Irshad Nabi Soomro ( Department of Pathology, The Aga Khan University Hospital, Karachi. )
Kamran Hameed ( Department of Medicine, The Aga Khan University Hospital, Karachi. )
Sinus histiocytosis with massive lymphadenopathy commonly presents with painless, bilateral, massive lymph node enlargement in the neck. There is association with fever, leukocytosis, raised erythrosedimentation rate and polyclonal hypergammaglobulinemia. Upto 40% cases can have extranodal involvement, common sites being skin, orbit, central nervous system, head and neck region and upper respiratory tract. Disease has not so far been described in the bone marrow and spleen. Disease is known to occur in all races with predisposition for the condition in blacks. There are case reports describing, lesion effecting lymph nodes in the region of Sub-Continent. However, extranodal disease is described in only one report1; we present another case predominantly involving skin.

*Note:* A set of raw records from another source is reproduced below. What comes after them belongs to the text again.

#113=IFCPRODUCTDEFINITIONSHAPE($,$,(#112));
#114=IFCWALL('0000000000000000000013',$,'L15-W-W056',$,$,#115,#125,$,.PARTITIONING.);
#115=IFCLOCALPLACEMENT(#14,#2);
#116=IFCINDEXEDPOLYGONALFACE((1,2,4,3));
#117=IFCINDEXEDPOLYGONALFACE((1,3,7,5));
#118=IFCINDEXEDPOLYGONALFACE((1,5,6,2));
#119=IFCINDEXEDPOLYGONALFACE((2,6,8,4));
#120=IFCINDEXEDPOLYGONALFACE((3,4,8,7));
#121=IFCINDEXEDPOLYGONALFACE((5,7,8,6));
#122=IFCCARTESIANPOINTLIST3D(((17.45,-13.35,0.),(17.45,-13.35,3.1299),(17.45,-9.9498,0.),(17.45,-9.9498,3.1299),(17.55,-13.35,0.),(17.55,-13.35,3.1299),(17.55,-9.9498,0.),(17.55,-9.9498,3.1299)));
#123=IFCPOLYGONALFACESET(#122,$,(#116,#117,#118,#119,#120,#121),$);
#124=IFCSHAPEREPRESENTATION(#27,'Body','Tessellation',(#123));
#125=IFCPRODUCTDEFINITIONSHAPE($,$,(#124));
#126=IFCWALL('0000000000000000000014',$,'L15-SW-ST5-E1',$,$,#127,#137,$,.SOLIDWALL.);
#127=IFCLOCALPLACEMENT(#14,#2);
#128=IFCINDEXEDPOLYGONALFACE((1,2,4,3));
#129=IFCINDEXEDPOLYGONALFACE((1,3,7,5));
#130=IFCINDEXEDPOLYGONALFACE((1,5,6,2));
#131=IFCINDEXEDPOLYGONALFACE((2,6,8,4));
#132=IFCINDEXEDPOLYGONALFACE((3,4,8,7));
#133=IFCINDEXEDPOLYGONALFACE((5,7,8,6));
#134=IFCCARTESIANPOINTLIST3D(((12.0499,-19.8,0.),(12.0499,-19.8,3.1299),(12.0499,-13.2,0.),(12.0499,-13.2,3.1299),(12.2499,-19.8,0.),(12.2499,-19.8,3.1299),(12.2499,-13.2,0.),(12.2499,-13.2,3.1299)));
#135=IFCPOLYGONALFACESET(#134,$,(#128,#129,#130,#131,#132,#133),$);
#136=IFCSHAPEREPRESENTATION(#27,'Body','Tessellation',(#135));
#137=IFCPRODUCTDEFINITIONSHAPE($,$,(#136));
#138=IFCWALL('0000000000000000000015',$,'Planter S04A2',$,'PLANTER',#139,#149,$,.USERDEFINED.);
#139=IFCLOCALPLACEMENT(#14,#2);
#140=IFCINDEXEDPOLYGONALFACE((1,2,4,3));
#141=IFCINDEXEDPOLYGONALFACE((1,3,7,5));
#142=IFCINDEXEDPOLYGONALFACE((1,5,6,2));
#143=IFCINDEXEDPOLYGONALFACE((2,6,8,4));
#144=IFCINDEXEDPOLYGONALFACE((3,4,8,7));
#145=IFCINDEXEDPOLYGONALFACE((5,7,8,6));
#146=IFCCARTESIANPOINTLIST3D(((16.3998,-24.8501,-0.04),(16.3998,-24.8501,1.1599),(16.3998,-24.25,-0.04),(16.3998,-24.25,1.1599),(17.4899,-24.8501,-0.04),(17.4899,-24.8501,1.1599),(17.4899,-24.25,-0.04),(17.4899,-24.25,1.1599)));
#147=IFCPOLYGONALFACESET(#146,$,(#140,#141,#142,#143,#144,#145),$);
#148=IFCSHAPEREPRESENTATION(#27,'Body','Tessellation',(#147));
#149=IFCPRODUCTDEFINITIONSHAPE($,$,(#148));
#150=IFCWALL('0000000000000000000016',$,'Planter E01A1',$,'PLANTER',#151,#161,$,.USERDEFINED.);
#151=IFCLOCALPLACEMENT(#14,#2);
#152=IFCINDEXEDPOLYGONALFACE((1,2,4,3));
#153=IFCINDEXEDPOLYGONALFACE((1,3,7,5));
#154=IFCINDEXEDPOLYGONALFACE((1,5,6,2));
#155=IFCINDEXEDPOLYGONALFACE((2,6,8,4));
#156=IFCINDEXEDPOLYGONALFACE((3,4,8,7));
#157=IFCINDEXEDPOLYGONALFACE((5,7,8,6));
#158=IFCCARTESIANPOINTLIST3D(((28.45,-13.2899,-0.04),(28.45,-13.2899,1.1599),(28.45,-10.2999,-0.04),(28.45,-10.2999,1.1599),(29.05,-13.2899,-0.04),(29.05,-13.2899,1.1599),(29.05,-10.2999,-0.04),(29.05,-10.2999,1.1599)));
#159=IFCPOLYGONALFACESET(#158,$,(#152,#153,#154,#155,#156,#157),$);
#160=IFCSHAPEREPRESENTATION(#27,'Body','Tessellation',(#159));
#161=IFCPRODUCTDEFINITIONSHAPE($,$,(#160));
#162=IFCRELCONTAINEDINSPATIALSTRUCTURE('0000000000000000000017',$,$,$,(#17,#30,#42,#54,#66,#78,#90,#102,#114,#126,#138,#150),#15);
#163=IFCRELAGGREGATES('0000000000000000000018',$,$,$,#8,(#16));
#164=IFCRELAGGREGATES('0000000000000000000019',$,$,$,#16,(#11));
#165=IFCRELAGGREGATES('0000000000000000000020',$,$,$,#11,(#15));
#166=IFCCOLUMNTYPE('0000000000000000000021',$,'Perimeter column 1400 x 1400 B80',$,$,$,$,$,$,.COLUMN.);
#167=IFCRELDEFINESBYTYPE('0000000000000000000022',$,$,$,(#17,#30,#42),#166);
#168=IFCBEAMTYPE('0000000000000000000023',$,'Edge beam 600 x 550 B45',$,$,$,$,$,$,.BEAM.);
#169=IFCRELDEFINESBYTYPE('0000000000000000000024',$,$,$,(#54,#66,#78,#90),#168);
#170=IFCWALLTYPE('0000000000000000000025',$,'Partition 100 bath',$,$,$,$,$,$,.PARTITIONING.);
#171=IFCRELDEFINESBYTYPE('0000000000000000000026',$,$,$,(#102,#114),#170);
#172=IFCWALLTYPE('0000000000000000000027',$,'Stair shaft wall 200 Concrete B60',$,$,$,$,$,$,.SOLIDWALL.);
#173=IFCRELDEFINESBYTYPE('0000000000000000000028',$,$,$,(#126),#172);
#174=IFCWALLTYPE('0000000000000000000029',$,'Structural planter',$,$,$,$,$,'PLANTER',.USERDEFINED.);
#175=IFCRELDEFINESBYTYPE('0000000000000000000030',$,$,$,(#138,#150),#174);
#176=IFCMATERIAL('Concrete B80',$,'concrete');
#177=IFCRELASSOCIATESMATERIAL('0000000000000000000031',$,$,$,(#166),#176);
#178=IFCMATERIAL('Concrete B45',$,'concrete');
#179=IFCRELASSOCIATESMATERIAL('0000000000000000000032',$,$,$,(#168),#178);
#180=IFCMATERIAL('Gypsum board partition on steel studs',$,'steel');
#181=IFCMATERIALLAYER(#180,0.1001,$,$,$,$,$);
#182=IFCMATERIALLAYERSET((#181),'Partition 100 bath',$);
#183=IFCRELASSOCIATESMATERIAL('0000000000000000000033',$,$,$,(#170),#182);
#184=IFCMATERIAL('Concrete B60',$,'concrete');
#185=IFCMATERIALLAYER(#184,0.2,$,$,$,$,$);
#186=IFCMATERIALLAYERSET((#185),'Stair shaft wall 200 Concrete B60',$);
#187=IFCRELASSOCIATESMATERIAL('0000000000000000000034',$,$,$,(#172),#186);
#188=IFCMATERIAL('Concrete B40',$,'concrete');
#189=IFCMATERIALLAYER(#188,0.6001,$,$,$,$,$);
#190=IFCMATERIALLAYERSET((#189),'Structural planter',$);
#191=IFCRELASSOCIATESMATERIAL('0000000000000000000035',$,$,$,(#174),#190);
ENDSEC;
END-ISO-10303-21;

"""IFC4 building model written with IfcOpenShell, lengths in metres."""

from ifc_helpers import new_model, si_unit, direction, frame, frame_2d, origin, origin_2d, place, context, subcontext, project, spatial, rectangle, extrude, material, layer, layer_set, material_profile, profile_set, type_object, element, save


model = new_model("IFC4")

This 55 year old man presented to rheumatology clinic in January 1996 with complaints of pain in small and large joints. The pain dated back to 1983 and had recently increased in severity. Joint pain predominantly effected both knee joints, ankles and toes. lnterphalangeal joints of both hands were also involved. Joint pain was piercing and lasted 1-1’/2 hours. This episodic pain was accompanied by swelling which lasted 3-4 days. Pain used to subside after analgestic medication. Patient was in stone crushing business which he has given up.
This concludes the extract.